8.2 Termination. Either Party may terminate this Agreement immediately upon notice to the other Party if the other Party: (i) materially breaches this Agreement and fails to remedy such breach within thirty (30) days after receiving written notice of the breach from the other Party; or (ii) commences bankruptcy or dissolution proceedings, has a receiver appointed for a substantial part of its assets or ceases to operate in the ordinary course of business. In addition, a Party may terminate this Agreement, in whole or in part, or cease provision of the SaaS Products if required to comply with applicable law or regulation, and such termination will not constitute a breach of this Agreement by the terminating Party. Arx reserves the right to suspend Customer’s access to the applicable SaaS Products upon 30 days’ written notice to Customer if: (i) an invoice is more than sixty (60) days past due; or (ii) if there is an uncured material breach of this Agreement. Arx will promptly reinstate Customer’s access and use of the SaaS Products once the issue has been resolved. Any accrued rights and obligations will survive termination.
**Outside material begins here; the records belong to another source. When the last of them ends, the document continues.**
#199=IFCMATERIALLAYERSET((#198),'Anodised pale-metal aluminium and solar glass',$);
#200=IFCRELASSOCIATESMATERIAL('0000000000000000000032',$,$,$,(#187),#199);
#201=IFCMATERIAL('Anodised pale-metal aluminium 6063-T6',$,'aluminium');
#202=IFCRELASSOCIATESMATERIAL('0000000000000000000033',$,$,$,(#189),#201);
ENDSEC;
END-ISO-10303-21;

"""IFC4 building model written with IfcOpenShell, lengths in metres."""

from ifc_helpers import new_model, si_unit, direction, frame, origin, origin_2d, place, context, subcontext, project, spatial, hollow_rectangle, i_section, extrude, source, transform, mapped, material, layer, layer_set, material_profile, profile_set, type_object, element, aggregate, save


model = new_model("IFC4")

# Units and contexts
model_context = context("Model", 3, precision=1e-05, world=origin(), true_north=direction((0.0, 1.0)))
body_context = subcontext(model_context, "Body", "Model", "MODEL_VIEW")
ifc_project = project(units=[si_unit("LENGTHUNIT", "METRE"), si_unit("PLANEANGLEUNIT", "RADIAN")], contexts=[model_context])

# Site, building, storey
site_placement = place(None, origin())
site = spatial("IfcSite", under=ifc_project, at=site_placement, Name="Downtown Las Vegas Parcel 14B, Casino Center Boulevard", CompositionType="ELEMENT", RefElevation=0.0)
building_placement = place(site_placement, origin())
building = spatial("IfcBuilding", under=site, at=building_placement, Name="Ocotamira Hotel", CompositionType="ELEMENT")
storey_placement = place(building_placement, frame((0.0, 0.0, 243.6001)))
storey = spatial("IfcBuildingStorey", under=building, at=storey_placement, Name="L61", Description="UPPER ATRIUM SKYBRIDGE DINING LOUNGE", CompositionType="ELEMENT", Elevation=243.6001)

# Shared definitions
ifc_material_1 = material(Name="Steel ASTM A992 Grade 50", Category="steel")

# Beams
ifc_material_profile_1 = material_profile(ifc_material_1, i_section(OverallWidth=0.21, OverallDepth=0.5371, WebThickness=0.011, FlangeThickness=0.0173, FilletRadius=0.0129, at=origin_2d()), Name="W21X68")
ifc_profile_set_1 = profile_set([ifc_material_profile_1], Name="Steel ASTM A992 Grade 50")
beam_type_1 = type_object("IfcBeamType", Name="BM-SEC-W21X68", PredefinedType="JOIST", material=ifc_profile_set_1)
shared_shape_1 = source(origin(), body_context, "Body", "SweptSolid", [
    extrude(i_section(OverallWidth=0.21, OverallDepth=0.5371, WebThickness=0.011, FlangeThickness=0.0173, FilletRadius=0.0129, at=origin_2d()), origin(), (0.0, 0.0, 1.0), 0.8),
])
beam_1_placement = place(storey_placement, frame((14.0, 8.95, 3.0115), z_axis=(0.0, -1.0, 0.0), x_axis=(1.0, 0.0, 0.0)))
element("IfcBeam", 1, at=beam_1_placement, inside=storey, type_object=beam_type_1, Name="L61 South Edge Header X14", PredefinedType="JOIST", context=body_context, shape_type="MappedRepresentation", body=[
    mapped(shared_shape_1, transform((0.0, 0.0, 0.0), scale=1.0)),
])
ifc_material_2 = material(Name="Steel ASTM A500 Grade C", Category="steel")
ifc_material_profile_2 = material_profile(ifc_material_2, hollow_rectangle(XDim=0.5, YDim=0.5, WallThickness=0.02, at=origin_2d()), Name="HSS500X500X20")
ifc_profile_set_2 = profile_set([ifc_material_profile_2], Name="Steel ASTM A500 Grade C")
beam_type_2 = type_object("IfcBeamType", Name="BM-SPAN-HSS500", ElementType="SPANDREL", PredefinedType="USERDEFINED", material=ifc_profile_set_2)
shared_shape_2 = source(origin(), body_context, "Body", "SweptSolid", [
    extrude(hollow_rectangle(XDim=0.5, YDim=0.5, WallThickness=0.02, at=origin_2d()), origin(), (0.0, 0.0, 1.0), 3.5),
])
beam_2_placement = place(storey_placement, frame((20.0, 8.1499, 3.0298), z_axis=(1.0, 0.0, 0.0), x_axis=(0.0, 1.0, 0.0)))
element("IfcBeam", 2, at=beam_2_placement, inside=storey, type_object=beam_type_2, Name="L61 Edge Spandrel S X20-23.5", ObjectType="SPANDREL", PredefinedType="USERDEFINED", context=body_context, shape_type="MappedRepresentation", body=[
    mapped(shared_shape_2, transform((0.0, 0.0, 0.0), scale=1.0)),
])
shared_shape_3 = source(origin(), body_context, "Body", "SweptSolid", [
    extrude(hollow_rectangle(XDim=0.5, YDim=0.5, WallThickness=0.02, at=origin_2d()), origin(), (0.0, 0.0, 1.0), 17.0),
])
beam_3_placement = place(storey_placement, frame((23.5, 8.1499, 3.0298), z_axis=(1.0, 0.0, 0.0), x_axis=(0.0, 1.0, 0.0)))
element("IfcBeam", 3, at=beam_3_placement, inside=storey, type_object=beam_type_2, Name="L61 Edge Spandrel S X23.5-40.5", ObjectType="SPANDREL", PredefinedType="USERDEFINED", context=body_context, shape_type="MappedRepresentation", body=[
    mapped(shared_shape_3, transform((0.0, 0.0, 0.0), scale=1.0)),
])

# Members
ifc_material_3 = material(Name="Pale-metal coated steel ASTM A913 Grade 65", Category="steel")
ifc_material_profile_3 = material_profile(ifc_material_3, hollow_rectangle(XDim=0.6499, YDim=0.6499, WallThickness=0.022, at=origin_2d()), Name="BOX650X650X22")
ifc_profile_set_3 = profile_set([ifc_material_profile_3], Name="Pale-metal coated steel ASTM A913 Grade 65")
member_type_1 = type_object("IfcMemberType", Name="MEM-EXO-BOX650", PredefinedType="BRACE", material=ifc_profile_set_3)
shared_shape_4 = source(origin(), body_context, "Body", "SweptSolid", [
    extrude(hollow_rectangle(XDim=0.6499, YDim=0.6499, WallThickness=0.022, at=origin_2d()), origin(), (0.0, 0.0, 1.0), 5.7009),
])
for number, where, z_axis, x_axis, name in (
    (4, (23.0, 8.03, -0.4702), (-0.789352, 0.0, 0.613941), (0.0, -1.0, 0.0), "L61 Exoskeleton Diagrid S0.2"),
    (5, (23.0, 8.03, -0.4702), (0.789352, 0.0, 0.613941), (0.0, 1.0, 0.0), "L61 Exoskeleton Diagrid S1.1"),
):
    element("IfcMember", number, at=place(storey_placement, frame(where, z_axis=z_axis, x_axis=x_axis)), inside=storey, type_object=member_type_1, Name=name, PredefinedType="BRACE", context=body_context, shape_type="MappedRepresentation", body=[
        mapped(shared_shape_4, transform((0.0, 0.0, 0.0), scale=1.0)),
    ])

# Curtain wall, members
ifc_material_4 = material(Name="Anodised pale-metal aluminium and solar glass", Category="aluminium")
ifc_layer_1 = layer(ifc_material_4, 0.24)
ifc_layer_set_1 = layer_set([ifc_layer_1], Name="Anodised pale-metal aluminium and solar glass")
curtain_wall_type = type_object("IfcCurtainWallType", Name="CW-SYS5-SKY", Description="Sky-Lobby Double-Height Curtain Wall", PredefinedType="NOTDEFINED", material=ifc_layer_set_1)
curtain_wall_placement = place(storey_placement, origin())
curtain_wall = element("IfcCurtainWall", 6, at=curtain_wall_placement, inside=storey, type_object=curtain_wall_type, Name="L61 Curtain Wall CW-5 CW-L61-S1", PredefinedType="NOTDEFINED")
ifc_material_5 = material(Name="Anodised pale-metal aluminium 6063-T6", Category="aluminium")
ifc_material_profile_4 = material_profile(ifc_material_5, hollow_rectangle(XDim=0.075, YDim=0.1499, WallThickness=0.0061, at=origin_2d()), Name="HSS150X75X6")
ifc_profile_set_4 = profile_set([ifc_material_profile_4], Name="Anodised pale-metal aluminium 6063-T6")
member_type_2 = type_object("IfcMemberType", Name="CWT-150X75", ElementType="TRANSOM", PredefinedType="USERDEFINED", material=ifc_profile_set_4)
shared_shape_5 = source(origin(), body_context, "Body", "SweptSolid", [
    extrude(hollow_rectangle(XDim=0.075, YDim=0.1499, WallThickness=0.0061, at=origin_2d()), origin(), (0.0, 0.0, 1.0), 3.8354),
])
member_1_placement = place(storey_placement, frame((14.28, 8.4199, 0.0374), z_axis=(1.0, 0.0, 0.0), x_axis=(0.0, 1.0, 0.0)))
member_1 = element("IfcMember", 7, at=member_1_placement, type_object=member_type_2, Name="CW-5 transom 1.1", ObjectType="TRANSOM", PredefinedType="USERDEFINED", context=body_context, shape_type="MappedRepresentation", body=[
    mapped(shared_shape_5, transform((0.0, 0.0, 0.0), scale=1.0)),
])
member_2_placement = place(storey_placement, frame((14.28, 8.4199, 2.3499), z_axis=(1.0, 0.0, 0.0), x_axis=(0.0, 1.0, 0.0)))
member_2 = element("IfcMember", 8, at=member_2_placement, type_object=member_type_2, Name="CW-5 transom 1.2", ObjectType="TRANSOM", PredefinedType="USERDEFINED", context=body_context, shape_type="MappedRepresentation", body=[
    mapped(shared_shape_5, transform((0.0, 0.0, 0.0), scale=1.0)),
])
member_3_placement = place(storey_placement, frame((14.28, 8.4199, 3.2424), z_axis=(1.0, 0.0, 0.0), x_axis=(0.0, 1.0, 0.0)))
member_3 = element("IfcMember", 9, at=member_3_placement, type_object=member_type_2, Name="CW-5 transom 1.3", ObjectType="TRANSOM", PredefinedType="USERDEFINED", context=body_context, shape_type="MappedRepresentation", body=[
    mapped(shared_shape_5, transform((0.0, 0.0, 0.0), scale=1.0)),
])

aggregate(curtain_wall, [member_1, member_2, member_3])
8.3 Effects of Termination / Expiration. Upon termination or expiration of an applicable Subscription Term: (i) Customer will have no further right to access or use the SaaS Products; and (ii) each Party shall within thirty (30) days after written request return or destroy any tangible Confidential Information of the other Party within its possession or control that is not contained on the SaaS Products. Following termination of the SaaS Products, Arx may immediately deactivate Customer’s account. Any accrued rights and obligations will survive termination.
Nothing in this Agreement will be construed to imply a joint venture, partnership or principal-agent relationship between Arx and Customer, and neither Party will have the right, power or authority to obligate or bind the other in any manner whatsoever.
All Notices will be in writing and will be deemed to have been duly given: (a) when delivered by hand; (b) three (3) days after being sent by registered or certified mail, return receipt requested and postage prepaid; (c)one (1) day after deposit with a nationally recognized overnight delivery or express courier service. Notices for Arx should be sent to the following address: 1765 Biarritz Dr Miami Beach, FL 33141, Attention: Hernan Garcia.